The public position of Syracuse University officials appears to be that Professor Biklen's notions are simply provoking the furor and resistance that all radical new ideas encounter. Perhaps that is the case; time and objective data will tell. Time will most certainly be required for the legal system to do its part in determining the future of the FC movement. A number of cases involving "facilitated" sexual abuse allegations are in process at this writing. To my knowledge, there has been one conviction so far. Several individuals and families who have been cleared of false allegations have filed damage countersuits against the facilitators, school and program administrators, and social service agencies involved. On January 10, 1994 a civil suit was filed in federal District Court for the northern district of New York seeking $10 million in damages on behalf of a family who were among the first victims of FC allegations in the U.S. Among the ten defendants are Douglas Biklen and Syracuse University.

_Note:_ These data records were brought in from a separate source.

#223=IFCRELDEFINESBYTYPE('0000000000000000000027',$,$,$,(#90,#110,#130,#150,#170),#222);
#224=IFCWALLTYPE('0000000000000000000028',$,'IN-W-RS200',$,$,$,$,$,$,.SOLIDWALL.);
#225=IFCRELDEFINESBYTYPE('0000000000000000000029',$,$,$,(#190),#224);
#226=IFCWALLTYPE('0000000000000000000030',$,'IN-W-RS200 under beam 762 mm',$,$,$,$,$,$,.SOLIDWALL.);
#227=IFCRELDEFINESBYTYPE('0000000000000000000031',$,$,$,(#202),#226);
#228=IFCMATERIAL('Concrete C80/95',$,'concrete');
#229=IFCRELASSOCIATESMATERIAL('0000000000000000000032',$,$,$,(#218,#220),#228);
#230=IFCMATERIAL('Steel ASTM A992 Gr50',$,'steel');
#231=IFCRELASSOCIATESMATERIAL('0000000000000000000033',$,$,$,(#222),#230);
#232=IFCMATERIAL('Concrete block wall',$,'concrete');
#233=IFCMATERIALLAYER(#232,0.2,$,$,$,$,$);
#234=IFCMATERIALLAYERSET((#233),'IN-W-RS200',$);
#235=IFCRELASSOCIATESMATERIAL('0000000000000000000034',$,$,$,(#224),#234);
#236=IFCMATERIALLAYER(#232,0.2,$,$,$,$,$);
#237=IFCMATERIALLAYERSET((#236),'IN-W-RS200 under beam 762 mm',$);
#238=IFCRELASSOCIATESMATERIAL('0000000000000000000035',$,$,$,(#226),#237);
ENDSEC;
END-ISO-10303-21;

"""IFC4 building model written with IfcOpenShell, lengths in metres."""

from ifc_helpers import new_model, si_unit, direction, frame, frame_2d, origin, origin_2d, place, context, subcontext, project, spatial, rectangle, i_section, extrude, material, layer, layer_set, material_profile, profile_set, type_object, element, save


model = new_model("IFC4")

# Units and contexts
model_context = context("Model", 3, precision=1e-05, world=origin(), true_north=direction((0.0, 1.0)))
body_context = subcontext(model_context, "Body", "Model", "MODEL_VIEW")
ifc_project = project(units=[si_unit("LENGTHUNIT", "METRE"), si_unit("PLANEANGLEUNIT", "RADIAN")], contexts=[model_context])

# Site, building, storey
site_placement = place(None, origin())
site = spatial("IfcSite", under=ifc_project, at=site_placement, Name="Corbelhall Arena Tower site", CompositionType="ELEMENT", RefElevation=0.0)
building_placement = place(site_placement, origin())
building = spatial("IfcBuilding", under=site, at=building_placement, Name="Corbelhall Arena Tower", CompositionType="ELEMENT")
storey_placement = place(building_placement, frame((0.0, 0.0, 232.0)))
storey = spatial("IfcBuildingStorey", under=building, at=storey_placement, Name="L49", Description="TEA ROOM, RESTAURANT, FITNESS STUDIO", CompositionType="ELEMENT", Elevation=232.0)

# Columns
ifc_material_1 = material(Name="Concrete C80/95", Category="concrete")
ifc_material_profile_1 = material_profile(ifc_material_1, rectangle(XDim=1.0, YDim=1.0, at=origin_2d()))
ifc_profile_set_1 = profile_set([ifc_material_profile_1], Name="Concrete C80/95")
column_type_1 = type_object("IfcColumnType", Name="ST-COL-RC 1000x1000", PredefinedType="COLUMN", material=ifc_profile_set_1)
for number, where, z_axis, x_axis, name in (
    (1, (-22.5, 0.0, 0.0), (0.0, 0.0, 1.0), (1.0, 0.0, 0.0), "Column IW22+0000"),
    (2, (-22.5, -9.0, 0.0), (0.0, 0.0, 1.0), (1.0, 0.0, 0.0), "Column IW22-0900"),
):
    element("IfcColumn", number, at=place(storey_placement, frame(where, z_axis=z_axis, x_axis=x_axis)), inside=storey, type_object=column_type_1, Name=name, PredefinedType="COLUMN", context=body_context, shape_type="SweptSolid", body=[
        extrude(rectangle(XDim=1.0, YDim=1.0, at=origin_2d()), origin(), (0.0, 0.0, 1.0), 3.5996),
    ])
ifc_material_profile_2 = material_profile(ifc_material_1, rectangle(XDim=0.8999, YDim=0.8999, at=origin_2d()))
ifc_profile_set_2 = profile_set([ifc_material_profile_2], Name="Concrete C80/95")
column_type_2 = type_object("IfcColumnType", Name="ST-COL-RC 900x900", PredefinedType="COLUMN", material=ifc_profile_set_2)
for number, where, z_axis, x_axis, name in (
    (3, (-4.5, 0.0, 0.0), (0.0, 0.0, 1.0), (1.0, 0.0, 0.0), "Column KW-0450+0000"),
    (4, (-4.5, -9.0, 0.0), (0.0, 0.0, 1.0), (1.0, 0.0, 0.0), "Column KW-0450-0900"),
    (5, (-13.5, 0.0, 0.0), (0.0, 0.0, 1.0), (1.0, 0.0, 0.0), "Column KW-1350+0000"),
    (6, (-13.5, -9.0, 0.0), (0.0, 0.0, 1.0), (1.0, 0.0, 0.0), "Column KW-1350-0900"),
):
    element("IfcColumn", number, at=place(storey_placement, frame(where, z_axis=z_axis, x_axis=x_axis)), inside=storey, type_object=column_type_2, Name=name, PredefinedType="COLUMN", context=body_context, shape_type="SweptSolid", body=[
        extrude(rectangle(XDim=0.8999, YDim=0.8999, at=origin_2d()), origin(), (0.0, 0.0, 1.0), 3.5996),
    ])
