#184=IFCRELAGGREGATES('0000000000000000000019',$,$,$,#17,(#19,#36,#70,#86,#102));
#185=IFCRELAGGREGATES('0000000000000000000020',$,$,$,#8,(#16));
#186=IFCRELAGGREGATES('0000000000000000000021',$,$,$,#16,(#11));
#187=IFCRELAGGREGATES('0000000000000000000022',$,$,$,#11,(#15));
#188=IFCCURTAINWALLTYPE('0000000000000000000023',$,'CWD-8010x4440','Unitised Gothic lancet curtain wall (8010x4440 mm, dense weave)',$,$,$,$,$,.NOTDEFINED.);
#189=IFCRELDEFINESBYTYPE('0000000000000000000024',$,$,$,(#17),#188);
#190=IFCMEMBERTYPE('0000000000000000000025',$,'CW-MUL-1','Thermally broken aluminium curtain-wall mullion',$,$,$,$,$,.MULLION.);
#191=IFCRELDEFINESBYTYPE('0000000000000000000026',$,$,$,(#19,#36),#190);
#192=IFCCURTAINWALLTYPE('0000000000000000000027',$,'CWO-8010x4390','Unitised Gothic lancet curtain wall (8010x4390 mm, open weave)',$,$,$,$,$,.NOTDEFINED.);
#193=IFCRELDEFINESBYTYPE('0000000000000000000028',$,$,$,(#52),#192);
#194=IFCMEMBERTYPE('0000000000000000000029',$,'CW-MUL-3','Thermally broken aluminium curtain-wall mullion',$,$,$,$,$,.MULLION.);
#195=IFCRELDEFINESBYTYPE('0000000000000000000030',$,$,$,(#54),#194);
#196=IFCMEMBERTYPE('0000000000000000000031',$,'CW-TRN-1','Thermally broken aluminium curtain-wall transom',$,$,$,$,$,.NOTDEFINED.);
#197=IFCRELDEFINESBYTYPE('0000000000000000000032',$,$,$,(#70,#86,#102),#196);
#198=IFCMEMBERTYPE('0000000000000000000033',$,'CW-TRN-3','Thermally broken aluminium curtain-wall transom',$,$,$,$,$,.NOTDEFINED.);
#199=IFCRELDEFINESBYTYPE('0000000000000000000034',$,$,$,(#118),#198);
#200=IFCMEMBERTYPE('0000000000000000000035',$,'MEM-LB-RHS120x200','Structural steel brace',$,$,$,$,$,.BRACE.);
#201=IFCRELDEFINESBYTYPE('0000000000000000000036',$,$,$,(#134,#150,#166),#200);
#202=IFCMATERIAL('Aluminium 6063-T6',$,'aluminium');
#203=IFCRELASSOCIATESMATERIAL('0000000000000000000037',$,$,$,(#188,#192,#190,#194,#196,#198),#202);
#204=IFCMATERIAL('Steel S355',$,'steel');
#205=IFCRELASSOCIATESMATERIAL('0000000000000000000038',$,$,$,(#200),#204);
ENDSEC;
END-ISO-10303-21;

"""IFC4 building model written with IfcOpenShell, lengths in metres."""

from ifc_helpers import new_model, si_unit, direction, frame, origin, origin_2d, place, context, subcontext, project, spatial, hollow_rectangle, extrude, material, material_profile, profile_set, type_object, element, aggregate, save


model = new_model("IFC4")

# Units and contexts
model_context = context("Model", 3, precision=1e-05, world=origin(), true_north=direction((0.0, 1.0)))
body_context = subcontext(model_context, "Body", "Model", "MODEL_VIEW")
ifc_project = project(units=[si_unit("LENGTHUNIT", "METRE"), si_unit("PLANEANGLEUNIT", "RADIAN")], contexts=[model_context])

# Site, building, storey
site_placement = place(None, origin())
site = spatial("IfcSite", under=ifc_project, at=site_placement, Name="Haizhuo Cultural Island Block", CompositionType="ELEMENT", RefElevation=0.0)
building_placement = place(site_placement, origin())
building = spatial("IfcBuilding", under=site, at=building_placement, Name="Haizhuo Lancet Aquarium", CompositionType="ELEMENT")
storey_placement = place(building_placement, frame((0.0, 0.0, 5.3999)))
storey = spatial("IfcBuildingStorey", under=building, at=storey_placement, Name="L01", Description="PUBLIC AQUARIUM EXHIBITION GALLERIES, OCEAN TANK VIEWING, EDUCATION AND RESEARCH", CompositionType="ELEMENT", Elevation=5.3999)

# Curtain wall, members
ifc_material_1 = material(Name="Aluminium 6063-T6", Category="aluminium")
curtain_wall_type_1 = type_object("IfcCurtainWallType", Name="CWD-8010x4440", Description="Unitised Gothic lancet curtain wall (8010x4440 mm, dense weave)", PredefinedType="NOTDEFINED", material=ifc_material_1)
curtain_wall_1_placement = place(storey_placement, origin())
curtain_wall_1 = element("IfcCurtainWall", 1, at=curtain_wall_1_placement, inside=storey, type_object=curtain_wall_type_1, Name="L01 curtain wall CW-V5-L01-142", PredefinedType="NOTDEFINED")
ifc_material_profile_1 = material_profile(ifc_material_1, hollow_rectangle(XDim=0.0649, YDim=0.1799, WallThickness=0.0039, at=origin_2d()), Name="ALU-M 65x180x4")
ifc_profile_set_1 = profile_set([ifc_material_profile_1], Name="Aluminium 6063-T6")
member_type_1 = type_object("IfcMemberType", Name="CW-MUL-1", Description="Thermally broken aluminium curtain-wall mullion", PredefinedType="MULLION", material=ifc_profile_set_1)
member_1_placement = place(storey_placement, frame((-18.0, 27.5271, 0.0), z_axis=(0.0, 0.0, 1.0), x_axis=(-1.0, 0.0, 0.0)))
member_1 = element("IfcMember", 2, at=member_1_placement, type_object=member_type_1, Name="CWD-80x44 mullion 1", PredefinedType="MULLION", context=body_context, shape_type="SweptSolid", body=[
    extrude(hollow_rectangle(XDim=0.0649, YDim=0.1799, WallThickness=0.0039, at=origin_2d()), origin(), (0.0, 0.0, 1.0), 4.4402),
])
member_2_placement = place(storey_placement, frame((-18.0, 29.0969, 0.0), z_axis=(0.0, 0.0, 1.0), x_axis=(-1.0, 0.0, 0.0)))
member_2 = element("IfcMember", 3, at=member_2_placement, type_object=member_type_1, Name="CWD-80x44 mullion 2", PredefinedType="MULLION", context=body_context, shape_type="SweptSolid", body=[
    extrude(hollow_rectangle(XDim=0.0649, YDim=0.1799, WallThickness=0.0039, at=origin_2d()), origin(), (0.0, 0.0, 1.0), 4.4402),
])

Finally, if FC is not a mental miracle, is it sleight of hand? By this I do not mean there is intentional deceit on the part of the facilitators. Far from it. Most are genuine, honest, caring individuals who wish the best for their charges. Herein lies an explanation. The power of a belief system to direct thought and action is overwhelming. A full and complete explanation for the FC phenomenon is still forthcoming, but clearly there are parallels with the ideomotor responses that direct dowsing sticks and the Ouija board. As the facilitator gently directs the hand to begin typing, letters are formed into words and words into sentences. Just as with the Ouija board where elaborate thoughts seem to be generated out of thin air while both parties consciously try not to move the piece across the board, the facilitators do not appear to be conscious that it is them generating the communication. Even with the autistic child looking elsewhere, or not looking at all (eyes closed), the hand is still rapidly pecking out letters as if it were a miracle. Unfortunately there are no miracles in mental health. All of us wish FC were true, but the facts simply do not allow scientists and critical thinkers to replace knowledge with wish.


Biklen, D. (1990) Communication unbound: Autism and praxis. Harvard Educational Review, 60, 291-315.
Biklen, D. (1992). Autism orthodoxy versus free speech: A reply to Cummins and Prior. Harvard Educational Review, 62, 242-256.